Autonomic manifestations are present in 75% of patients,52 therefore, a systematic clinical screening should be performed. The COMPASS 31 questionnaire, provides a broad assessment of the severity and extent of a range of autonomic symptoms, including vasomotor, secretomotor, gastrointestinal, and bladder dysfunction. It has shown efficacy in monitoring longitudinal changes in autonomic function.53 Additional assessments include sudomotor function tests, postural hypotension tests, heart rate variability tests, and the modified body mass index (mBMI), which can be used as an indirect marker of gastrointestinal dysautonomia.52

Finally, the Rasch-built Overall Disability Scale (R-ODS) can be used to assess disability, since it measures the effect of the disease on activities of daily living in patients with peripheral neuropathy.54 Table 1 summarizes the common minimum set of evaluations that should be used to monitor the progression of neuropathy.46,55 The recommended frequency of assessment in general is every 6 or 12 months, depending on the disease course, the severity of the polyneuropathy, and the response to treatment.52

Table 1 Recommended Set of Evaluation to Monitor Progression of Neuropathya

Conclusions

ATTRv-PN is a progressive and lethal disease in which early therapeutic intervention is key for better patient outcomes.

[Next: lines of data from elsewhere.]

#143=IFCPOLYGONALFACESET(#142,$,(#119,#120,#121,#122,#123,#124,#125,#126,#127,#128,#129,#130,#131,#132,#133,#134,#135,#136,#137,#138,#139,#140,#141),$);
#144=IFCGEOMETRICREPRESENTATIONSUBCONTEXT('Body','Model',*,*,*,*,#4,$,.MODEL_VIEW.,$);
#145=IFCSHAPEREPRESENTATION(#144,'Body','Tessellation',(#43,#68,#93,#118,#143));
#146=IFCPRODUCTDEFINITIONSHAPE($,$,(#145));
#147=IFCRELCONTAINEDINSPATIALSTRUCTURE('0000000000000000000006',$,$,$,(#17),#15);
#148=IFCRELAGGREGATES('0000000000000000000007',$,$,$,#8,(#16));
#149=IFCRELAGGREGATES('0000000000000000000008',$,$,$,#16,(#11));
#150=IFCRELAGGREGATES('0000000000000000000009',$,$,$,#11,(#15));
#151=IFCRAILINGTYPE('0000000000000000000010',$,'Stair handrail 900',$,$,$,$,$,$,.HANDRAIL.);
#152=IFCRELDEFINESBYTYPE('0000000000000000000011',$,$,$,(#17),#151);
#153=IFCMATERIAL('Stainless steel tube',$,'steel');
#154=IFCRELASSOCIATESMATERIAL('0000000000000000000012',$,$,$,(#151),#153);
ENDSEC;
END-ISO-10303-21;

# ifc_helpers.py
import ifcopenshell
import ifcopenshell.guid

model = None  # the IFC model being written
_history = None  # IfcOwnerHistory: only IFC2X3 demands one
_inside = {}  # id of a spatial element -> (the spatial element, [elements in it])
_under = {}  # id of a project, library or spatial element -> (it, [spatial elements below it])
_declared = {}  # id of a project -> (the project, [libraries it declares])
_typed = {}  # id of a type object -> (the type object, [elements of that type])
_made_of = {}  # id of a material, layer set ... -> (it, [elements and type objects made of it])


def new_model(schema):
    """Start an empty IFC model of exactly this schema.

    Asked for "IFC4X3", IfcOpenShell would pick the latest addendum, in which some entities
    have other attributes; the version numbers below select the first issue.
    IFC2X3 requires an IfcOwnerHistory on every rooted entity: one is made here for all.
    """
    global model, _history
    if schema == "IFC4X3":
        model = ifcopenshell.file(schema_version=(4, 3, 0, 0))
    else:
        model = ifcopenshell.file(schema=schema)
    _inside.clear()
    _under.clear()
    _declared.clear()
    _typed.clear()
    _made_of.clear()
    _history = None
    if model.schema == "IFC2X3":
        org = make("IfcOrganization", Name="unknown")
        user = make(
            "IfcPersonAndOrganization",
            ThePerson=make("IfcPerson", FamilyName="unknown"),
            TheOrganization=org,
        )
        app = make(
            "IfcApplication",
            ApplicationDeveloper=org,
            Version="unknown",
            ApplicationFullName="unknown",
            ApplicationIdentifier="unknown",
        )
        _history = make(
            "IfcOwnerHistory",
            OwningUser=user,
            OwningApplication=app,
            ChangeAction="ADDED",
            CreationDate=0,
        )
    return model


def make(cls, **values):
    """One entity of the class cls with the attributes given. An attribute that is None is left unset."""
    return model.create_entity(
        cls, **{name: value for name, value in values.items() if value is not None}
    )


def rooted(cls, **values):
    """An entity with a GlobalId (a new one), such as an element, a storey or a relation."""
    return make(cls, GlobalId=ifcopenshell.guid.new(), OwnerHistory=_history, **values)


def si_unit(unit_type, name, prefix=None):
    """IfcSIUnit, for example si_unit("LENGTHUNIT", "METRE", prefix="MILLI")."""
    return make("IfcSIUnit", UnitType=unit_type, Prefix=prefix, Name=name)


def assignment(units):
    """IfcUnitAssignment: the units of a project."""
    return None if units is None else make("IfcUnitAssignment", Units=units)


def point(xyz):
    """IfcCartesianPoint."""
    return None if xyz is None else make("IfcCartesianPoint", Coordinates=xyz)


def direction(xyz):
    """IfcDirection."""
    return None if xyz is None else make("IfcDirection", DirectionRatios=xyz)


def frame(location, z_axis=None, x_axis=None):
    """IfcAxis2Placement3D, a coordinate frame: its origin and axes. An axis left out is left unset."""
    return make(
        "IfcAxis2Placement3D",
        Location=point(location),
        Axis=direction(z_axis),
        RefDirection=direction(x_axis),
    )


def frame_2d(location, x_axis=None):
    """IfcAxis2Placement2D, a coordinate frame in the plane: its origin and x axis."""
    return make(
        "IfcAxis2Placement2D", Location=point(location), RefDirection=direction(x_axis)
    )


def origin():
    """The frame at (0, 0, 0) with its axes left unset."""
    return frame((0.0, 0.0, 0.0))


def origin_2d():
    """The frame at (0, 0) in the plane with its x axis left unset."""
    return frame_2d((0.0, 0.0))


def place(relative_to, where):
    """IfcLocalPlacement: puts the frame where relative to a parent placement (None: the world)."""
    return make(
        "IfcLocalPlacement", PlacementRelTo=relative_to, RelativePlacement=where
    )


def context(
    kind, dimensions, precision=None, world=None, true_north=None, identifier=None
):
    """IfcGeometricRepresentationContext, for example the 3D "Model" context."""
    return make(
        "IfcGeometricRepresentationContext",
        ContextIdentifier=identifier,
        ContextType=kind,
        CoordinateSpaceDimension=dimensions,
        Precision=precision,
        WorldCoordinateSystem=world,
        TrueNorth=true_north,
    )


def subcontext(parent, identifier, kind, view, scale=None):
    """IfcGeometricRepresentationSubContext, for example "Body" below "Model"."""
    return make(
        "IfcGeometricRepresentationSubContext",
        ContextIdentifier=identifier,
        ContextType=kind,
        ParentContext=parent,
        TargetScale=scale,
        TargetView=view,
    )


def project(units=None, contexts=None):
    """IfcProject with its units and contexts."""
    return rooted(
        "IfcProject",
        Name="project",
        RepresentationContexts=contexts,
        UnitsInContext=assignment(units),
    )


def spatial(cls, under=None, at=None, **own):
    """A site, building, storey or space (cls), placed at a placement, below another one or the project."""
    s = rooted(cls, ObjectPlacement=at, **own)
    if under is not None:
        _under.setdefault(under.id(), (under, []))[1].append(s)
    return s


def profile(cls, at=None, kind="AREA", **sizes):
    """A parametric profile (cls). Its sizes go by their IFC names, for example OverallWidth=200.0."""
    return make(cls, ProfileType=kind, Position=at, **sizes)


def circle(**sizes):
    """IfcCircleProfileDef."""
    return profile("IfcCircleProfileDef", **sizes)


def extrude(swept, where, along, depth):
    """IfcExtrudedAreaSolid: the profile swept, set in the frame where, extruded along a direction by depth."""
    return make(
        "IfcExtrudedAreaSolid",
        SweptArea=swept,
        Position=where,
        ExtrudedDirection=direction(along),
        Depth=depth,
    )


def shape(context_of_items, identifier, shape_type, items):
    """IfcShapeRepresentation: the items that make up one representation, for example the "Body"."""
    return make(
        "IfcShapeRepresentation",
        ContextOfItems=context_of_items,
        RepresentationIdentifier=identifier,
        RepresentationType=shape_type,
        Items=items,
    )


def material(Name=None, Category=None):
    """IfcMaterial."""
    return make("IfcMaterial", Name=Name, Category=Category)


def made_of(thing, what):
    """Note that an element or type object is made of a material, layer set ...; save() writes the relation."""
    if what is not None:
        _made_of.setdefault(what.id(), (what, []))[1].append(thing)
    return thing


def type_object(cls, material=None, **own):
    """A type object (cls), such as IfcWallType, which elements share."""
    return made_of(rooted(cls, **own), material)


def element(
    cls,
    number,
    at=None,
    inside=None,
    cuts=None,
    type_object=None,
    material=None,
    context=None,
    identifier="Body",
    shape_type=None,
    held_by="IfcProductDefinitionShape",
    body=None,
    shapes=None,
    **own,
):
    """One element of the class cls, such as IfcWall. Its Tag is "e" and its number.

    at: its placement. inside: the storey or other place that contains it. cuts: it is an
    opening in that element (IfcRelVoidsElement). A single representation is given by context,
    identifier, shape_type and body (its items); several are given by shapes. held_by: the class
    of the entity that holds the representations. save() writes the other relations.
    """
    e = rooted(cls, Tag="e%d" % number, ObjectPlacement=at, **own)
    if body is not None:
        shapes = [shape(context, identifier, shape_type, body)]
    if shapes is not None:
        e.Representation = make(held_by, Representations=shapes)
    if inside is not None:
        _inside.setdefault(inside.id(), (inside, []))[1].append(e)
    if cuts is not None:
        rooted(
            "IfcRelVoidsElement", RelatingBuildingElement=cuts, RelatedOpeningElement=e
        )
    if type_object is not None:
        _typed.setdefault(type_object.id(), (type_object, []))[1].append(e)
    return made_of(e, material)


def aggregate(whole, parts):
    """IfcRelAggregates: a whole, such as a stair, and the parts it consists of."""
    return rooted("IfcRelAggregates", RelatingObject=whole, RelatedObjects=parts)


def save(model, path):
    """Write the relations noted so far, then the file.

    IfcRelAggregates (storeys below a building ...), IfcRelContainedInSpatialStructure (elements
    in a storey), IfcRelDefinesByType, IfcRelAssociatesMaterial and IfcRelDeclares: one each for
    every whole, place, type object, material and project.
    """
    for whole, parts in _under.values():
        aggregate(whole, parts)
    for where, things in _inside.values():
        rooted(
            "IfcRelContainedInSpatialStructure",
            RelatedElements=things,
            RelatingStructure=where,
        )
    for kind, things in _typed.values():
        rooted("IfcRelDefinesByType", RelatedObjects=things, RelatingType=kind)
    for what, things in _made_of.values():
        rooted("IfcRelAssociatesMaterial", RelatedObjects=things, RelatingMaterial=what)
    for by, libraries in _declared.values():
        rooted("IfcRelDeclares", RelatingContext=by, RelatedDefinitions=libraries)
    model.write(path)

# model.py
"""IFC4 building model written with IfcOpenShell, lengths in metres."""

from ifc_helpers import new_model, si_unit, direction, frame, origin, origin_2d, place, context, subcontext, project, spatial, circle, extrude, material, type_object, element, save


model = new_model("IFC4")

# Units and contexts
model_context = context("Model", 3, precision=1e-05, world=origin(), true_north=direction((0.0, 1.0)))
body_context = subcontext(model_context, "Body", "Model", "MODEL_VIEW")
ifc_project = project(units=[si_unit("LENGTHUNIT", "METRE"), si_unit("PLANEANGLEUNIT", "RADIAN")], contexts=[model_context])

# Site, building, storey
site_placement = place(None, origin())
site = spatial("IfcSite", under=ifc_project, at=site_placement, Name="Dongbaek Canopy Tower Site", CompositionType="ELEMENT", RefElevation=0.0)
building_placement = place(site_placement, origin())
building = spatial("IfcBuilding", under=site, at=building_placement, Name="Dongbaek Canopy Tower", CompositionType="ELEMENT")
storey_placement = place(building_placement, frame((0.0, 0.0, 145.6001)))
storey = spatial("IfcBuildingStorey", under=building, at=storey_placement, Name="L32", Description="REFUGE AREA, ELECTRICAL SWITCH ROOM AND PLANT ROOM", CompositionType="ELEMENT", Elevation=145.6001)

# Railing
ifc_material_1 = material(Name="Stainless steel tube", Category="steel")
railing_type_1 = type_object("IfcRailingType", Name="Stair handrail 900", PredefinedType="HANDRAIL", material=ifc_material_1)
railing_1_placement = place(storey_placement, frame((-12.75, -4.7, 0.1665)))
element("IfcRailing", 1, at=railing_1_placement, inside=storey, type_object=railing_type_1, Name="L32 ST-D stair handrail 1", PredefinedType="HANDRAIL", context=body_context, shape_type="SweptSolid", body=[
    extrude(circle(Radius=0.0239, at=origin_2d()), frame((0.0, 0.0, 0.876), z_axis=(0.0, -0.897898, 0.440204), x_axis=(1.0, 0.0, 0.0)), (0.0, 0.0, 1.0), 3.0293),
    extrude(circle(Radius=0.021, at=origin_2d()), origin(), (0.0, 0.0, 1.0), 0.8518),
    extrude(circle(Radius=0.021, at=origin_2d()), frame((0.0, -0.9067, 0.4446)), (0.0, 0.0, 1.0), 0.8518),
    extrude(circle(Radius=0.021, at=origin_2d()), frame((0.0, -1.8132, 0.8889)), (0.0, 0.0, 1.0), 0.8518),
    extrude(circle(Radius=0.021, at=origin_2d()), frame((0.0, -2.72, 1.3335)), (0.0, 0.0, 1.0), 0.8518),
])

Recently approved disease-modifying therapies have changed the course of the disease, highlighting the need for guidance on managing ATTRv-PN. To monitor the disease course, clinicians should undertake detailed assessments of the multiple symptoms and signs of neuropathy at baseline and during follow-up.

Disclosure

The authors report no conflicts of interest in this work.